ChatGPT's new image generator is now available for everyone: Ghiblify your photos for free

Anupria Goenka remembers co-star becoming 'excited' during love-making scene; tells she felt 'violated, uncomfortable' when he touched her inappropriately

The Waqf Amendment Bill is a danger to a way of existence once heralded as 'unity in diversity'

The new allegations outlined in the research paper come at a time when the Microsoft-funded AI startup is fighting a number of lawsuits filed by numerous parties accusing it of copyright infringement in its practices to gather training data.

Why are thousands of artists, creatives resisting the UK govt's AI copyright proposal?

In order to identify if copyrighted material was incorporated in the training sets used to train GPT-4o, the researchers employed a technique referred to as "membership inference attack" or DE-COP.
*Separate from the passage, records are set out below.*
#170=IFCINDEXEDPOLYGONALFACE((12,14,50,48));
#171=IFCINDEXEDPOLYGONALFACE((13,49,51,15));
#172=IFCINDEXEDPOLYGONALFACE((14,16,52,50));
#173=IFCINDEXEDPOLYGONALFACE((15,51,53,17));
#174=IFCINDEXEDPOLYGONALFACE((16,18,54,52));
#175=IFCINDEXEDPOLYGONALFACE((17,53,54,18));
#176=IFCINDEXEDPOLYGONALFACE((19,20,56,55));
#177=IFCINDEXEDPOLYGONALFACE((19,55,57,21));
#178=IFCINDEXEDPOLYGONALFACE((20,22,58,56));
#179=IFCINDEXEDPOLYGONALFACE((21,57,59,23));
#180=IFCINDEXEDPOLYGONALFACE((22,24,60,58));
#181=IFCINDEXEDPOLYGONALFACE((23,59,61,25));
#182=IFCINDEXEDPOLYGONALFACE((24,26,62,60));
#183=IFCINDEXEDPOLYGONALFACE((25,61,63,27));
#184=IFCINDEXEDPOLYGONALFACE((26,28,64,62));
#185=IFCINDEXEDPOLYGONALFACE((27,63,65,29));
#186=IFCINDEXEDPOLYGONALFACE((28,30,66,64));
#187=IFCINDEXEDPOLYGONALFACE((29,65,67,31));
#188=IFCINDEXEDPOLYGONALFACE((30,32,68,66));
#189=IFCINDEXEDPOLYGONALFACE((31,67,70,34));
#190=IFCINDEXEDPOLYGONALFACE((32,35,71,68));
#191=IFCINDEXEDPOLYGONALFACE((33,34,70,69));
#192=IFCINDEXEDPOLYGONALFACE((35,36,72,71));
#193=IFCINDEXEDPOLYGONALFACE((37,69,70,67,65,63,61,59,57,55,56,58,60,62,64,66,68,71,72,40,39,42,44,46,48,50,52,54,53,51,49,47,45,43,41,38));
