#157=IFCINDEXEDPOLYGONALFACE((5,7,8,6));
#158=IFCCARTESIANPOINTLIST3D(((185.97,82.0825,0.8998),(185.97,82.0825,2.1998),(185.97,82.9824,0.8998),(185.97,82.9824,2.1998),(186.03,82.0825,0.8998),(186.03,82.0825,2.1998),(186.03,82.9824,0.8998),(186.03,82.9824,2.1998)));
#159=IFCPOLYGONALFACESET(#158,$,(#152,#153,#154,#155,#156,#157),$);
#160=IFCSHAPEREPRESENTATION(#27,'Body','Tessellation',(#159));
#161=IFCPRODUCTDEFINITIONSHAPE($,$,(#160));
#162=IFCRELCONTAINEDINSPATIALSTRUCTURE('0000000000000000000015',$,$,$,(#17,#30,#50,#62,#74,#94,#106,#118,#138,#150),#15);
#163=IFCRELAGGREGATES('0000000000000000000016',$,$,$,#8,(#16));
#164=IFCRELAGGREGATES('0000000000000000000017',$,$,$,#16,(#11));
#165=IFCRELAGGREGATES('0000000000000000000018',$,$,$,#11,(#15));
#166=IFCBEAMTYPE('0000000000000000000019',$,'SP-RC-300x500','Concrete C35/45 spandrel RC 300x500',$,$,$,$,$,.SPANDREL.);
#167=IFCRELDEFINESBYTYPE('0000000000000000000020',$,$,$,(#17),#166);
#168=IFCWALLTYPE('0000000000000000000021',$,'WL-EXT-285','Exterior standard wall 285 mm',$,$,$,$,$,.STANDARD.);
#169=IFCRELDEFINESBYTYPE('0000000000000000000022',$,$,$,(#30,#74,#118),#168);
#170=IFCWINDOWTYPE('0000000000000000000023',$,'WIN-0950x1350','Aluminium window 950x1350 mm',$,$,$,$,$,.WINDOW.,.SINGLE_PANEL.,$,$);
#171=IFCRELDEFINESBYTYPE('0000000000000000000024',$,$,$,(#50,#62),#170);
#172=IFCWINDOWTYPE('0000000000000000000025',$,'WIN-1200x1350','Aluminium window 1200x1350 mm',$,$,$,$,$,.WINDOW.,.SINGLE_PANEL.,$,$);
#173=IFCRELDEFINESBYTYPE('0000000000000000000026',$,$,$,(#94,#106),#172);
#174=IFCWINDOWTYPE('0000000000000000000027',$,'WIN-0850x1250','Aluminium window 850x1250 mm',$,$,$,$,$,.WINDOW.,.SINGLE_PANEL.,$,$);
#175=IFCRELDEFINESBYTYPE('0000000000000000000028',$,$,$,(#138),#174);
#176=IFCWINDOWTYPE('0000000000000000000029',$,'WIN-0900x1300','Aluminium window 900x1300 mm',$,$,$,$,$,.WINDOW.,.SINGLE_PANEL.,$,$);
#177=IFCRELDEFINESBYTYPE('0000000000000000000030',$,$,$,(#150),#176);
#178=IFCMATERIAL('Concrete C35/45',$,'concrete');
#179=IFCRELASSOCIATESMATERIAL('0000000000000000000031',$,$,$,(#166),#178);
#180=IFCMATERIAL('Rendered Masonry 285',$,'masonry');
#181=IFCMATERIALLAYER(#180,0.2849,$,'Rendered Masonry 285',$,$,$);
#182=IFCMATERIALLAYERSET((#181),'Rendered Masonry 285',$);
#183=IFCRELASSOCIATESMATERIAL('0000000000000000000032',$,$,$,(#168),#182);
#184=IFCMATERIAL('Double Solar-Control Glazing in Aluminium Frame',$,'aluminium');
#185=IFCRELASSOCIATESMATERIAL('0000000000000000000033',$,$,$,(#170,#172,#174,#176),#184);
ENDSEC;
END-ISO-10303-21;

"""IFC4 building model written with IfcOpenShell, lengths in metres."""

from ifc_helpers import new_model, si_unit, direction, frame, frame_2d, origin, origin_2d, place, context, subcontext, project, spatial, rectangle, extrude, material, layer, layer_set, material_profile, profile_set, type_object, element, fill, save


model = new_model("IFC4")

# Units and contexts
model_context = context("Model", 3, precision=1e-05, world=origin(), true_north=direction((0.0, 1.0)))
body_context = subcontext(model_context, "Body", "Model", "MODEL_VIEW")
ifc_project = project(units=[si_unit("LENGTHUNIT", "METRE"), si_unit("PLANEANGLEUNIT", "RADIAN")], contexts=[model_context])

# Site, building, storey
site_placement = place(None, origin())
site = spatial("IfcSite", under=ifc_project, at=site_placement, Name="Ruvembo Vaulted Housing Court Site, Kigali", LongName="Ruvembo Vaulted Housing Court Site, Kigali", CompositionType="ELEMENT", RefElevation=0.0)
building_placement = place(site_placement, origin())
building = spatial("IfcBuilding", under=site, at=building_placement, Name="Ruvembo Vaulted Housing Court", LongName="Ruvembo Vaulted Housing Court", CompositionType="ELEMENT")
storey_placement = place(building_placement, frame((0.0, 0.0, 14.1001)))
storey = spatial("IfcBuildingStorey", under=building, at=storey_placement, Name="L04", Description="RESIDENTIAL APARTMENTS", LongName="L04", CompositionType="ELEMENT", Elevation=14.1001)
This method allows researchers to test if an LLM is able to distinguish reliably between human-written texts and paraphrased, AI-generated versions of the same text, as per a report by TechCrunch. If an LLM is able to make the distinction, then it indicates that the AI model may have had prior knowledge of the text based on its training data.

The researchers were specific about GPT-4o, GPT-3.5 Turbo, and other OpenAI models for their research. They attempted to predict the likelihood that a specific excerpt had been part of a model's training corpus using 13,962 paragraph excerpts from 34 books published by O'Reilly Media.

Based on the findings, GPT-4o “recognised” more paywalled book content than GPT-3.5 Turbo and older OpenAI models. This was observed even after accounting for improvements in the capabilities of OpenAI’s newer models.

However, the paper notes limitations in the research methodology such as users feeding the paywalled book excerpts into ChatGPT as part of their prompts.

OpenAI and Google have lobbied the Trump administration to enact legislation for training AI models on copyrighted material under the fair use exception. In addition, OpenAI has also entered into licensing agreements with news publishers, social media platforms, and stock media libraries, among others, in order to get data for training purposes for AI. Moreover, it has apparently employed journalists to fine-tune its models' outputs.

For the Latest News, Visit: Frontlist

Post a comment

Your email address will not be published. Required fields are marked *

0 comments

    Sorry! No comment found for this post.